Can A Nuclear Meltdown Be Stopped?

Few manmade threats inspire as much fear as the potential of a nuclear meltdown. The fact that "Chernobyl," once an obscure Ukrainian town, is now globally recognized as a synonym for catastrophe shows how deeply this fear runs. The meltdown of 1986, which left 28 dead and has since caused genetic mutations in local dogs, became a rallying point for critics of nuclear energy, who fear that similar disasters will occur elsewhere. Nuclear power has immense potential as a carbon-free energy source at a time when the planet desperately needs it, but that potential can't be achieved without the trust of the public. To that end, engineers of nuclear power plants are devising more and more methods of stopping nuclear meltdowns before any damage can be done.

The earliest nuclear power plants were built beginning in the 1950s, and from the very start, mitigating the risk of a meltdown was a top priority. This danger arises when a nuclear reactor overheats, so in order to prevent meltdowns, reactors need powerful cooling systems in place. Historically, these systems have relied on circulating water around the reactor core in order to contain the heat of the radioactive fuel within it, and by-and-large, these systems have been successful. However, the catastrophic event at Chernobyl and the 2011 meltdown of Japan's Fukushima Daiichi Nuclear Power Plant (which announced in 2020 that it would be pumping its radioactive water back into the ocean) both occurred because their respective cooling systems broke.
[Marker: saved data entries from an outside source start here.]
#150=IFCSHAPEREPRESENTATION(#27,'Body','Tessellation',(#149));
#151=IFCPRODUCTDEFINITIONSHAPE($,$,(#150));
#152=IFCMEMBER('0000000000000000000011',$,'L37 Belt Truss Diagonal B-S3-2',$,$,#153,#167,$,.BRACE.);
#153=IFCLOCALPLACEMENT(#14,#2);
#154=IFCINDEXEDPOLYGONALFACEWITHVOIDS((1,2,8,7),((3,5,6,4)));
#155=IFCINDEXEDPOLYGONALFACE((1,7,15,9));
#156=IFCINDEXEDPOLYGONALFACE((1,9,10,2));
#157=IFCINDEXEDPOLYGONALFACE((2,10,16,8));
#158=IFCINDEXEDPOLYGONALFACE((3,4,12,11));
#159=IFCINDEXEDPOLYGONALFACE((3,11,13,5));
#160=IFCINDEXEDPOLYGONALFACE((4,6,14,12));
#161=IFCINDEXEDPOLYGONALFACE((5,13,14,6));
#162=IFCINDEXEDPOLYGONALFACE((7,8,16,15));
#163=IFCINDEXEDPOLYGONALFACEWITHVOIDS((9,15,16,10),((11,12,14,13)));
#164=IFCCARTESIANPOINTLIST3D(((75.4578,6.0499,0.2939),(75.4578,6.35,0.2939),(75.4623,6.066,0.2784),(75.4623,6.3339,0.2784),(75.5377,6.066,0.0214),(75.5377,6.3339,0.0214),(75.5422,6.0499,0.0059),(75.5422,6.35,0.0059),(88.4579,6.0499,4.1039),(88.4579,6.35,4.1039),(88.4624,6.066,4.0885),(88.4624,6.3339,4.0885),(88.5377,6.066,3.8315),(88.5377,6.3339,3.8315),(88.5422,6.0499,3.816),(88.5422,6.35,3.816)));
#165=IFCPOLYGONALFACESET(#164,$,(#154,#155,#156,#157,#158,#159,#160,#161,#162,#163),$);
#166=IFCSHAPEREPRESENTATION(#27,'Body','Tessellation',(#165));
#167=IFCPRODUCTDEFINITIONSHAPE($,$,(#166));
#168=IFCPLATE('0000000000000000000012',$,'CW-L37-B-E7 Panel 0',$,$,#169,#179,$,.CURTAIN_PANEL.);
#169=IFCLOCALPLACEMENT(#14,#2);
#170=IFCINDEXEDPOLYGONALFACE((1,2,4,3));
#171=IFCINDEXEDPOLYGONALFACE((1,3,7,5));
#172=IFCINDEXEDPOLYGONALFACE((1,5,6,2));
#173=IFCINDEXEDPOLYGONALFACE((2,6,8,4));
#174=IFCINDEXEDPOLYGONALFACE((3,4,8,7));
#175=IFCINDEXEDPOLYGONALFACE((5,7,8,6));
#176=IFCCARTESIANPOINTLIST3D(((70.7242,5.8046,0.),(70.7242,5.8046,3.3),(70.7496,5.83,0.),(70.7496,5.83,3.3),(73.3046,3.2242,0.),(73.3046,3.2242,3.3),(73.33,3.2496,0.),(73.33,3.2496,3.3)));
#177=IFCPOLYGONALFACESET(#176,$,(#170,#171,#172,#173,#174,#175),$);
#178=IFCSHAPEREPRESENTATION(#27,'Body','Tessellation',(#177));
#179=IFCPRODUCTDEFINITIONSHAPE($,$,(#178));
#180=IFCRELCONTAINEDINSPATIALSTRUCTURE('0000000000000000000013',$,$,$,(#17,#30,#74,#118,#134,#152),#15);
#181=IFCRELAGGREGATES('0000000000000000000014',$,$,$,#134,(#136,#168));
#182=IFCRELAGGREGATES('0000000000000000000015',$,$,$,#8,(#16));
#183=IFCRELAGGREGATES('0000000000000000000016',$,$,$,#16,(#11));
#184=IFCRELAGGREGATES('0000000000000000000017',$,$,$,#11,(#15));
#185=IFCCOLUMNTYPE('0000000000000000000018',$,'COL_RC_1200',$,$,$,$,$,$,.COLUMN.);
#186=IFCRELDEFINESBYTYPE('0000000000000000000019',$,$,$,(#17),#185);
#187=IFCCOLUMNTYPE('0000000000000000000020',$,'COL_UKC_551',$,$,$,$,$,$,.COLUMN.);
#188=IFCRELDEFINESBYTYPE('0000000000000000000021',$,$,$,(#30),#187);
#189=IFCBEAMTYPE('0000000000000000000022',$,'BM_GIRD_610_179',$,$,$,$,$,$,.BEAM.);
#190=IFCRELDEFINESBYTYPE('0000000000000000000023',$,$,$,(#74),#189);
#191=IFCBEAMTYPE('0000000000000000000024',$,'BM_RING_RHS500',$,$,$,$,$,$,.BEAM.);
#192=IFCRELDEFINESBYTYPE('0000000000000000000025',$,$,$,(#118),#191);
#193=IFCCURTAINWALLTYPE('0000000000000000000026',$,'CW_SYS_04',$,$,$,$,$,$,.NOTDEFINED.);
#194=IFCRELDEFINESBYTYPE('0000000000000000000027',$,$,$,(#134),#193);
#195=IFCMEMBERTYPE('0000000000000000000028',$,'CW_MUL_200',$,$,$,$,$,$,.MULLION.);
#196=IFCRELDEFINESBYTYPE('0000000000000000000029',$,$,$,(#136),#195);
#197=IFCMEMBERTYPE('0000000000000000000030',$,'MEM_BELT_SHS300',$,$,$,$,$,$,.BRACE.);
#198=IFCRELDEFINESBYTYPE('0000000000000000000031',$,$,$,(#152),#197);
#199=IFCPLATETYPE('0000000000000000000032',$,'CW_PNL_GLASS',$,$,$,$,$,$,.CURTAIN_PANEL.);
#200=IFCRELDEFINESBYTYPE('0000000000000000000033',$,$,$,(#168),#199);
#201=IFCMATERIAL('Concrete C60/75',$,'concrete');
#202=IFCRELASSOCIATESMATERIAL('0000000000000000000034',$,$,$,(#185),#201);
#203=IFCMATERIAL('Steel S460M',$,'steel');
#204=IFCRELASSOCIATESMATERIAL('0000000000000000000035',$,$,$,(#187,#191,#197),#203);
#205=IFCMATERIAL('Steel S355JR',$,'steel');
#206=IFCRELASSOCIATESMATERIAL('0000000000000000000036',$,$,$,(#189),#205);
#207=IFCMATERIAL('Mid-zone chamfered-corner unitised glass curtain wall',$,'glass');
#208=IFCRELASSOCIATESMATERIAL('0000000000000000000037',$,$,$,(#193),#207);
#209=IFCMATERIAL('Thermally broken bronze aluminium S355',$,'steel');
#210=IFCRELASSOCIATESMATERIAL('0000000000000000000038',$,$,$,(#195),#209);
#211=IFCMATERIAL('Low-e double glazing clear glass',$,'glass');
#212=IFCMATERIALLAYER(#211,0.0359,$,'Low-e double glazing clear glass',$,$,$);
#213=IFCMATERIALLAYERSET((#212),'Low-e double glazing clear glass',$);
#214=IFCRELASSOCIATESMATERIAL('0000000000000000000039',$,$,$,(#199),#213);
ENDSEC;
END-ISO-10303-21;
The lessons learned from these disasters are now shaping a new approach to nuclear power.

The core of a nuclear reactor contains hundreds of fuel rods packed with uranium, which generate a tremendous amount of heat through the process of nuclear fission. There are two main systems in place to keep the fission reaction under control. First are control rods made from elements like cadmium and boron that can absorb neutrons produced by nuclear fission. Inserting the control rods into the reactor core stops the nuclear reaction, but there is still an immense amount of residual heat leftover, known as radiogenic heat. That's where the second safety feature — the cooling system — comes into play. The reactor core is surrounded by a fluid coolant, which is continuously circulated by pumps to keep the core from overheating.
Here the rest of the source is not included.